When they are dry, can we start painting straight away or should we put something on the walls first to prepare them?  Any ideas??

Thanks!

M


----------



## terrysgirl33 (16 Aug 2006)

I would dilute the paint you are going to use about 50/50 with water and add some polybond to seal the wall.  I tried just putting on the paint directly on a newly plastered wall and it took 5 coats to look reasonable , I had another area to do and did as I outlined above and it only took 3 coats in total (in both cases the paint was white, a coloured paint would cover better).  A week isn't very long to leave the plaster, I would say it's the minimum to let the plaster dry out.


----------



## Flexible (16 Aug 2006)

http://www.diydoctor.org.uk/projects/paintnewplaster.htm


----------



## Sherman (16 Aug 2006)

muffin1973 said:


> Hi all,
> the plasterer said to leave them about a week to dry, which sounds a long time to me but he knows best I'm sure....


 
As pointed out above, a week is the absolute minimum, especially in this damp weather recently. There will always be patches that take longer than a week to dry, and if you paint over them, the paint will simply peel away after a while.

The rule is to leave them for as long as possible (at least two weeks), and then leave them for another week.
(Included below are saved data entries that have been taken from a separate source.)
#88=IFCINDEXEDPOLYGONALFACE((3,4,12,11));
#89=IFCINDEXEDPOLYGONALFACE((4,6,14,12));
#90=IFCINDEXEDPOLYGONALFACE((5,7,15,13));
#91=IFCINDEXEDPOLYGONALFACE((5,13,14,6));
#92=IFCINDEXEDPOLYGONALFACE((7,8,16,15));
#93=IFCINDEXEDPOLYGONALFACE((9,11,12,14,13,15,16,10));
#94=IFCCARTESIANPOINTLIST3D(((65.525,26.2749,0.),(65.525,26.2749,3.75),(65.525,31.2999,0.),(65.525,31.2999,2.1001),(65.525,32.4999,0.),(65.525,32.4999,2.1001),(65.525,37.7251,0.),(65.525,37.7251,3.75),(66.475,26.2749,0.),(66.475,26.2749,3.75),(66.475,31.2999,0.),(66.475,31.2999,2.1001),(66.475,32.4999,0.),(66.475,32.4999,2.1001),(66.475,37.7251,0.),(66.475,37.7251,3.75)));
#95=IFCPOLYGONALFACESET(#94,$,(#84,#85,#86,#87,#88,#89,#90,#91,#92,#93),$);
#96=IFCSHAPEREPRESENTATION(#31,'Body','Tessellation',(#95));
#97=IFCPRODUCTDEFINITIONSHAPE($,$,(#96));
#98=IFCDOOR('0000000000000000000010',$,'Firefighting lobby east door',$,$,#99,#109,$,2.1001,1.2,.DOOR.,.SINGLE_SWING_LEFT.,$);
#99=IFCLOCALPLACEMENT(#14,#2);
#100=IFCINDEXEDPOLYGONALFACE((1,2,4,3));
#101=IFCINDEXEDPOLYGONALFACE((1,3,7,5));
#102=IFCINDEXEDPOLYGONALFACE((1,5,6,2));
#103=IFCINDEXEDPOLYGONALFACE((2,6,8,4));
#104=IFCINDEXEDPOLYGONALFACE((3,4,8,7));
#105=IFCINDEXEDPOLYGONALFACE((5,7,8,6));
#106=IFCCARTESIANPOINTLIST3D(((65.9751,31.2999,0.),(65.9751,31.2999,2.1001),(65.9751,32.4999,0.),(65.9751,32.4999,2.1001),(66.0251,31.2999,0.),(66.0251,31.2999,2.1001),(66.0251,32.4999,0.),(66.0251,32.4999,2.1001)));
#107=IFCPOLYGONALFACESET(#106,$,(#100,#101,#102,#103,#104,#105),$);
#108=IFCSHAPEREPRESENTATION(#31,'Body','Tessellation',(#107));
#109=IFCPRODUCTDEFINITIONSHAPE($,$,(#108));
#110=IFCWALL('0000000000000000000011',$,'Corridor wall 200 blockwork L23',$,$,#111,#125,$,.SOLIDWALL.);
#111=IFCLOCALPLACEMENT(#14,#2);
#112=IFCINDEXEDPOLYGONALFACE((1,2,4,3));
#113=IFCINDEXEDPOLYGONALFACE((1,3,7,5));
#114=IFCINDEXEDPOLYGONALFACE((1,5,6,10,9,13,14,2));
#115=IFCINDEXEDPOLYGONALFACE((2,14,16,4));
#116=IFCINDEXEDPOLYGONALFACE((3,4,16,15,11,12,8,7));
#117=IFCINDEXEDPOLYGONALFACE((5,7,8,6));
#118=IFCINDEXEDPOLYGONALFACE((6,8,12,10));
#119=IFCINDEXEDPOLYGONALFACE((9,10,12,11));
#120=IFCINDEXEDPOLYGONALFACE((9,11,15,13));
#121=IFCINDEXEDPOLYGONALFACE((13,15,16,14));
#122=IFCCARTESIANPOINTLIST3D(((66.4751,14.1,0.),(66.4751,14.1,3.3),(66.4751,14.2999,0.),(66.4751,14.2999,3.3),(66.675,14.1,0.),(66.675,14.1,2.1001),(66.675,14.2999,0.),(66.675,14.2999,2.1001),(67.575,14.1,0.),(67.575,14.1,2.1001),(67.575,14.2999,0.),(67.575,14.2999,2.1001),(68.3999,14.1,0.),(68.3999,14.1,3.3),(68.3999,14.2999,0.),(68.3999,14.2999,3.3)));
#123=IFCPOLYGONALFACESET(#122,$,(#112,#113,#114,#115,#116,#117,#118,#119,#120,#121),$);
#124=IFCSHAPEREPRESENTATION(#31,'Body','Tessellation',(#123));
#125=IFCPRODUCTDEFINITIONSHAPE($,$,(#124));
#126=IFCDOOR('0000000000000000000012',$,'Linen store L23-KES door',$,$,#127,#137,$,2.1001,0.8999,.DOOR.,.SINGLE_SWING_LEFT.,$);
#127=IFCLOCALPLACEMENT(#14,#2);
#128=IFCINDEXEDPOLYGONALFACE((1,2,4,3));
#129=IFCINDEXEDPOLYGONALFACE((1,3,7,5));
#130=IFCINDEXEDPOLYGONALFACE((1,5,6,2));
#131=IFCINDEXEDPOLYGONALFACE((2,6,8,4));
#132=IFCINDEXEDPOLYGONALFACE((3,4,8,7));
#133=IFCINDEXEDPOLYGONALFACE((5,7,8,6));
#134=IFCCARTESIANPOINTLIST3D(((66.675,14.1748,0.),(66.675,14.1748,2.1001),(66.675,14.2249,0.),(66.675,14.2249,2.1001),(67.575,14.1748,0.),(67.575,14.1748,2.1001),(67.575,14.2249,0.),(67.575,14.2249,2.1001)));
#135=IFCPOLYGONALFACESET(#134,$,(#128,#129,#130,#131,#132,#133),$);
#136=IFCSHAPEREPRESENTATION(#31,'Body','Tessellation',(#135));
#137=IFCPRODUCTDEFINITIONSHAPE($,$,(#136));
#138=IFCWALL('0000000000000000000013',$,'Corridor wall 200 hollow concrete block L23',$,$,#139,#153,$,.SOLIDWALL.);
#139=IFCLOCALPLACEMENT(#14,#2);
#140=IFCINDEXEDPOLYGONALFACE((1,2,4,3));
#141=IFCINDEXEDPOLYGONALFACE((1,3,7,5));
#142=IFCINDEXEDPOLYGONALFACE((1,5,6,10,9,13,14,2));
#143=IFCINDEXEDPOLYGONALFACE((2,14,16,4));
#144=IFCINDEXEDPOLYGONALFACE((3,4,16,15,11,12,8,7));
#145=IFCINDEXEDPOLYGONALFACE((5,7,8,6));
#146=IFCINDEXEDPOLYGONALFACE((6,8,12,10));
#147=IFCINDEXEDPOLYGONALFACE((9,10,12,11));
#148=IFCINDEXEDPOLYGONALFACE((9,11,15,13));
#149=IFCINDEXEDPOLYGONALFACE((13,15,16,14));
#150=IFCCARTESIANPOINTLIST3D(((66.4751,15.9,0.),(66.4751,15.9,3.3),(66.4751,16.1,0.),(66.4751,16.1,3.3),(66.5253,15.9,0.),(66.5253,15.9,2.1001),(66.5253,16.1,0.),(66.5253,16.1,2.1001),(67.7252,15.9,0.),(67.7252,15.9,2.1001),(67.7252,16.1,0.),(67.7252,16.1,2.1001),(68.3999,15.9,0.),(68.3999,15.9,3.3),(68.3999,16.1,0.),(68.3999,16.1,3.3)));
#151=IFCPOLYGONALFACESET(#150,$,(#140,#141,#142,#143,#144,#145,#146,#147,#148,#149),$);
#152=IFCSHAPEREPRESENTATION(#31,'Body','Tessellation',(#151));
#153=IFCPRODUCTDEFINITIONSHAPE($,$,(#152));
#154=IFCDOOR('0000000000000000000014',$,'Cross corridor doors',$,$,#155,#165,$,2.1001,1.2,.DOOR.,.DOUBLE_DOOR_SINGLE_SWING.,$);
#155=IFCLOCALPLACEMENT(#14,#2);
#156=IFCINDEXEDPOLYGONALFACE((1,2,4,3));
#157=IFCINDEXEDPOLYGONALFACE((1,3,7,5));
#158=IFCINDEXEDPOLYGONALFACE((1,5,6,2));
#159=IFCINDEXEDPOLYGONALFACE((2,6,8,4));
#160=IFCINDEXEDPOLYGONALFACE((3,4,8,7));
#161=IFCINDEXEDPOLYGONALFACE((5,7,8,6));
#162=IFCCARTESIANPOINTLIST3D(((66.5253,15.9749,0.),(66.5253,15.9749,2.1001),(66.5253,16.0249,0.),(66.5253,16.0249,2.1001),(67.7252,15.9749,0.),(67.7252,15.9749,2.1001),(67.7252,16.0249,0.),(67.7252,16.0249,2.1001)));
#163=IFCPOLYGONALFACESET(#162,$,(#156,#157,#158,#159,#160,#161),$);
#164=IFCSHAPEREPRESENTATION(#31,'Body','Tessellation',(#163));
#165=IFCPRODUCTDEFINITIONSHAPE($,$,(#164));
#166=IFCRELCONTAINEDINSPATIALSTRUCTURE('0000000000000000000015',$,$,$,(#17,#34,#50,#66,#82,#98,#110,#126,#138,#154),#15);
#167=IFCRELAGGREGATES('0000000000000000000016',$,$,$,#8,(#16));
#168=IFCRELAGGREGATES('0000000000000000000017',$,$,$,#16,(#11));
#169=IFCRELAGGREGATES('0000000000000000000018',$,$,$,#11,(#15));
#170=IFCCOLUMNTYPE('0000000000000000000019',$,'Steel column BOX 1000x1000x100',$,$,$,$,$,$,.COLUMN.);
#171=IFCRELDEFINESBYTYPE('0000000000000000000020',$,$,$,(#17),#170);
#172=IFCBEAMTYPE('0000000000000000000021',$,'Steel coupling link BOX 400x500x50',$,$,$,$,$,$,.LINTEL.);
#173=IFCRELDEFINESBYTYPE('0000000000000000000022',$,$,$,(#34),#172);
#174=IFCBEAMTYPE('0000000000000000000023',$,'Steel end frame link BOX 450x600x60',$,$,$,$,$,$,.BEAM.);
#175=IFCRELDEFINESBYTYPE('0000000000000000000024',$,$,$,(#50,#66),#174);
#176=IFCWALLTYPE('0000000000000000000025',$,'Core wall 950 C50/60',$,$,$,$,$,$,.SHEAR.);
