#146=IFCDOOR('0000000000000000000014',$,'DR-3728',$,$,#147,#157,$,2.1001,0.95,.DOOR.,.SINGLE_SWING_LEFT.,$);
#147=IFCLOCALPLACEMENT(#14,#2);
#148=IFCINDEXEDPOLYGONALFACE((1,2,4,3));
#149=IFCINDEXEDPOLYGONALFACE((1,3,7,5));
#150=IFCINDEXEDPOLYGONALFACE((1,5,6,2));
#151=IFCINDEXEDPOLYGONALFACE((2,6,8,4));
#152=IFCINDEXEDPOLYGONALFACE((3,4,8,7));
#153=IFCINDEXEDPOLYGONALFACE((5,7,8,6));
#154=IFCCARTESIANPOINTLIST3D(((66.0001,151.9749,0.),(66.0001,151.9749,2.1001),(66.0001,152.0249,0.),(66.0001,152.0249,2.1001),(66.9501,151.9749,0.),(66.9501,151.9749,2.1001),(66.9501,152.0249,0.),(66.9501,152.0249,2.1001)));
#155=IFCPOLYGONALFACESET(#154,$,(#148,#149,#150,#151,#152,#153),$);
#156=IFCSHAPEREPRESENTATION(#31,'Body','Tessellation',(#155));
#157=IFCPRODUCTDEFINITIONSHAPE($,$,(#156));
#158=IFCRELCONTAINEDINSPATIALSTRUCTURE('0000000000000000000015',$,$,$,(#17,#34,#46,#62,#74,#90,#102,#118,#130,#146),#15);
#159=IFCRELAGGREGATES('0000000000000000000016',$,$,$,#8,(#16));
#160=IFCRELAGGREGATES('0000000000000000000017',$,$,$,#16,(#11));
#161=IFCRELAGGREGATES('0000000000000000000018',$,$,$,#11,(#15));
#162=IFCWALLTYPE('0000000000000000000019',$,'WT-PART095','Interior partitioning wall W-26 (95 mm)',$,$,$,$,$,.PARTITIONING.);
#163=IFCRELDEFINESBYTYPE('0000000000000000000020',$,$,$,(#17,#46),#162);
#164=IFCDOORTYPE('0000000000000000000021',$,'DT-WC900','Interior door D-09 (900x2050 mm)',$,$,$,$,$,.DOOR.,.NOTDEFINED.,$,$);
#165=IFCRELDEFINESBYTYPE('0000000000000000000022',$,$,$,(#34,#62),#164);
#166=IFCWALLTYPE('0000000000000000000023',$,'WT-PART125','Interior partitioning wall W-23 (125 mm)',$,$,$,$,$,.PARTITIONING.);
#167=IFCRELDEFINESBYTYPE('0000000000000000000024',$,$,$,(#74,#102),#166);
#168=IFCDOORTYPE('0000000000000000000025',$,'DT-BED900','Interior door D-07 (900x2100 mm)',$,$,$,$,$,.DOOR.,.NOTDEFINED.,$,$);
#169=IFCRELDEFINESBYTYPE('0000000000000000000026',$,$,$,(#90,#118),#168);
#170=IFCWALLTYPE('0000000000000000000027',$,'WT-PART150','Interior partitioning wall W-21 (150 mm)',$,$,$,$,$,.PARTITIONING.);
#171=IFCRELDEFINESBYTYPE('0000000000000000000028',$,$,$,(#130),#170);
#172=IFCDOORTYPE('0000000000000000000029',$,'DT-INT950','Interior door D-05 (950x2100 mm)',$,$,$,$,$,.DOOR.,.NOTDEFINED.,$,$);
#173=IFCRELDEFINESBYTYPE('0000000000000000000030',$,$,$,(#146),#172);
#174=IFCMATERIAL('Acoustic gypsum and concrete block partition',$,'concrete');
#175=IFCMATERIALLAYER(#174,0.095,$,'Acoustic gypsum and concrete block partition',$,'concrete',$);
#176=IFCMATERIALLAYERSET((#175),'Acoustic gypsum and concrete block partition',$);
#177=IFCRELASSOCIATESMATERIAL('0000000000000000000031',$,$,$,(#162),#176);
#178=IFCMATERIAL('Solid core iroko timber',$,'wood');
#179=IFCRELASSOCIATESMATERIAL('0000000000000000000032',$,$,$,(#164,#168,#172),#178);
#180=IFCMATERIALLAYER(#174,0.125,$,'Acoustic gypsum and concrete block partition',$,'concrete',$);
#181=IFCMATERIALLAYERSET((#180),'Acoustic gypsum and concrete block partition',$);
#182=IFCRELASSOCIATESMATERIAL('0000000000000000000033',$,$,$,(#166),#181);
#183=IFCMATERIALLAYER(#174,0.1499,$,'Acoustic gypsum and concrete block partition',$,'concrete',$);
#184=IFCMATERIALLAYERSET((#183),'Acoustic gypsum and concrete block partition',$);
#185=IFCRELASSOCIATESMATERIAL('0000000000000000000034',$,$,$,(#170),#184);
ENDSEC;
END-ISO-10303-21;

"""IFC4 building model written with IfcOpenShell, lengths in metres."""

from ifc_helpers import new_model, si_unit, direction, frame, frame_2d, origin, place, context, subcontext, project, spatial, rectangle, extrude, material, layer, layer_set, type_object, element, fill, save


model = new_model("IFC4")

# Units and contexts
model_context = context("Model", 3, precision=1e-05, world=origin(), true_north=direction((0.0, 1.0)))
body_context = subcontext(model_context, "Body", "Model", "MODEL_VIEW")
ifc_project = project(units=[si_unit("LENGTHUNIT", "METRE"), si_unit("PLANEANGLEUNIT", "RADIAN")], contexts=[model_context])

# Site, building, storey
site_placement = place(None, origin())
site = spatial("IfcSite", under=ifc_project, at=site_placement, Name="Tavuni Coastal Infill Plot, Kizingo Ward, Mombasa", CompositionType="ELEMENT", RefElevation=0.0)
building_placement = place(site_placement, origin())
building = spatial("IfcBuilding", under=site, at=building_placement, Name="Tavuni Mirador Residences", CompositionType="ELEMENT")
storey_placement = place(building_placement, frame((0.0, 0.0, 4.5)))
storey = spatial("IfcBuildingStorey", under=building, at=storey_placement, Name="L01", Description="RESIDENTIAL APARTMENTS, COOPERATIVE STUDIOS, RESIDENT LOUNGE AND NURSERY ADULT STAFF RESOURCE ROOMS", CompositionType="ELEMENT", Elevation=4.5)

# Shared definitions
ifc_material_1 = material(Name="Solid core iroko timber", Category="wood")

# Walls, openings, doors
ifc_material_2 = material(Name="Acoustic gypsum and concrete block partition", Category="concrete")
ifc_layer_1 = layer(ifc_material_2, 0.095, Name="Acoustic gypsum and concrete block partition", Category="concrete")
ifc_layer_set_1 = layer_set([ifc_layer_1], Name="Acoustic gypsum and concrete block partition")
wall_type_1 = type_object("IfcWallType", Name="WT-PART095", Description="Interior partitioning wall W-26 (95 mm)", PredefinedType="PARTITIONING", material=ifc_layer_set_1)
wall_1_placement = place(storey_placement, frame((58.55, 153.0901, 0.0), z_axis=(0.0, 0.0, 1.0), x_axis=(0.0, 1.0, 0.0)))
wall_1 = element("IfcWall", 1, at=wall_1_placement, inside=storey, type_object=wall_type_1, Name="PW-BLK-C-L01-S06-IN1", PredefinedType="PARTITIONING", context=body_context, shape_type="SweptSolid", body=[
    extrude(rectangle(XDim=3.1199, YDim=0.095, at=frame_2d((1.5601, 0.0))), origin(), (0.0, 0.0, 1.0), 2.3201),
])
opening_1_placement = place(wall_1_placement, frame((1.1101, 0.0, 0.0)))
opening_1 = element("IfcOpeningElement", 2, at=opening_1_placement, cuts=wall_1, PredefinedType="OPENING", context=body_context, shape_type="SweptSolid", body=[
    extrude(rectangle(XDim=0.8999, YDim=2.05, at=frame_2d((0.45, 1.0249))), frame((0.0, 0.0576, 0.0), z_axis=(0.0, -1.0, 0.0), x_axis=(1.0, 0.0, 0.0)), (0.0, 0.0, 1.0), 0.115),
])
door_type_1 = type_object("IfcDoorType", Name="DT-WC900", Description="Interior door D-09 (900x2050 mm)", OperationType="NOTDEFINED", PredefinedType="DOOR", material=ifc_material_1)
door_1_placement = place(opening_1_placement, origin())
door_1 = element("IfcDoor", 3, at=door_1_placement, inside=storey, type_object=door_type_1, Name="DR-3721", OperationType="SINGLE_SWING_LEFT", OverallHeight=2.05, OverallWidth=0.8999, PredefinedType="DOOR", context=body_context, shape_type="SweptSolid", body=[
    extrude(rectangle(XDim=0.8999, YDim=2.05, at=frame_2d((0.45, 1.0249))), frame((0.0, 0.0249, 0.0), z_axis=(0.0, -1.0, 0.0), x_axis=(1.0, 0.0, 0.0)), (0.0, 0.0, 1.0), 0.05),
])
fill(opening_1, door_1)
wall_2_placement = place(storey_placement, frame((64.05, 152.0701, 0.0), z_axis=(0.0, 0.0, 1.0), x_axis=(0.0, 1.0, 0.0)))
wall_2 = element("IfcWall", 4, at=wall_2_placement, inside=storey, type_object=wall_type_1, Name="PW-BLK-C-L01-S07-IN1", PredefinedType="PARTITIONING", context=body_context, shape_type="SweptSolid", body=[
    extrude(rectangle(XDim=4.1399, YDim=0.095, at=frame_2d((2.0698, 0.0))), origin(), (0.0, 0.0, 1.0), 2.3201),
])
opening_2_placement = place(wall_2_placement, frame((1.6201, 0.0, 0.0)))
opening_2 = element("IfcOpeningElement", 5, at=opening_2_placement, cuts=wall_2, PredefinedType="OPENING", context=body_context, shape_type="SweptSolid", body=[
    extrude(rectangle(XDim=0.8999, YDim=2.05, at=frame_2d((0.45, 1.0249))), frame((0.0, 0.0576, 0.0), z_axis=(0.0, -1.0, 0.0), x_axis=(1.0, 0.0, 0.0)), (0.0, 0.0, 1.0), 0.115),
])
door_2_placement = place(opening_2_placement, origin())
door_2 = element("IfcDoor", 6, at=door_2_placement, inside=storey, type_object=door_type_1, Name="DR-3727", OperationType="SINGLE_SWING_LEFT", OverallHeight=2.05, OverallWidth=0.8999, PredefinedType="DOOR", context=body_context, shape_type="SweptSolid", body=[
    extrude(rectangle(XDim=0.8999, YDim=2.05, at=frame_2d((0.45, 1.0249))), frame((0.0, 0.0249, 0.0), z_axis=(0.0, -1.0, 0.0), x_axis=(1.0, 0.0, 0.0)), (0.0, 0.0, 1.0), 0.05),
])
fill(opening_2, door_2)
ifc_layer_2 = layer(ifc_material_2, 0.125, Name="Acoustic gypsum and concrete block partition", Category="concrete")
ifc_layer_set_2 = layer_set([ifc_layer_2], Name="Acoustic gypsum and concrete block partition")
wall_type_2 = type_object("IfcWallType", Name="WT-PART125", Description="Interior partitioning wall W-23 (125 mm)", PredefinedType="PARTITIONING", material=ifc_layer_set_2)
Try to have the house well ventilated, but don't try to speed up the drying by turning on radiators etc. - the plaster will only crack.


----------



## EvilDoctorK (16 Aug 2006)

terrysgirl33 said:


> I would dilute the paint you are going to use about 50/50 with water and add some polybond to seal the wall. .



Go easy on the polybond though  - I made the mistake of using too much before  and it formed a skin on the wall... I wouldn't go much above 10% polybond


----------



## muffin1973 (16 Aug 2006)

thanks a mil everyone.

didn't realise plaster took so long to dry - will try and leave it for two weeks at least. Problem is having the two families over to the house for a celebration first week in September so wanted it all finished by then - think the painting will have to be a bit last minute!

M


----------



## Dinging (16 Aug 2006)

I suggest using a good quality paint,  we used all sorts on our walls after plastering, Dulex, Crown, B&Q, Woodies.  In the end the best results were from Permoglaze ( I have no affiliation) we were able to give the walls 1 coat of a diluted paint for the undercoat and then later that day were able to paint over them with undiluted paint.  We plastered our whole house and this was a life saver in both time and money.


----------



## muffin1973 (16 Aug 2006)

Thanks Dinging I'll check that out - can you buy the Permaglaze stuff in just any DIY shop??

M


----------



## HighFlier (16 Aug 2006)

You must leave sufficent time and dont assume its dry because it looks dry.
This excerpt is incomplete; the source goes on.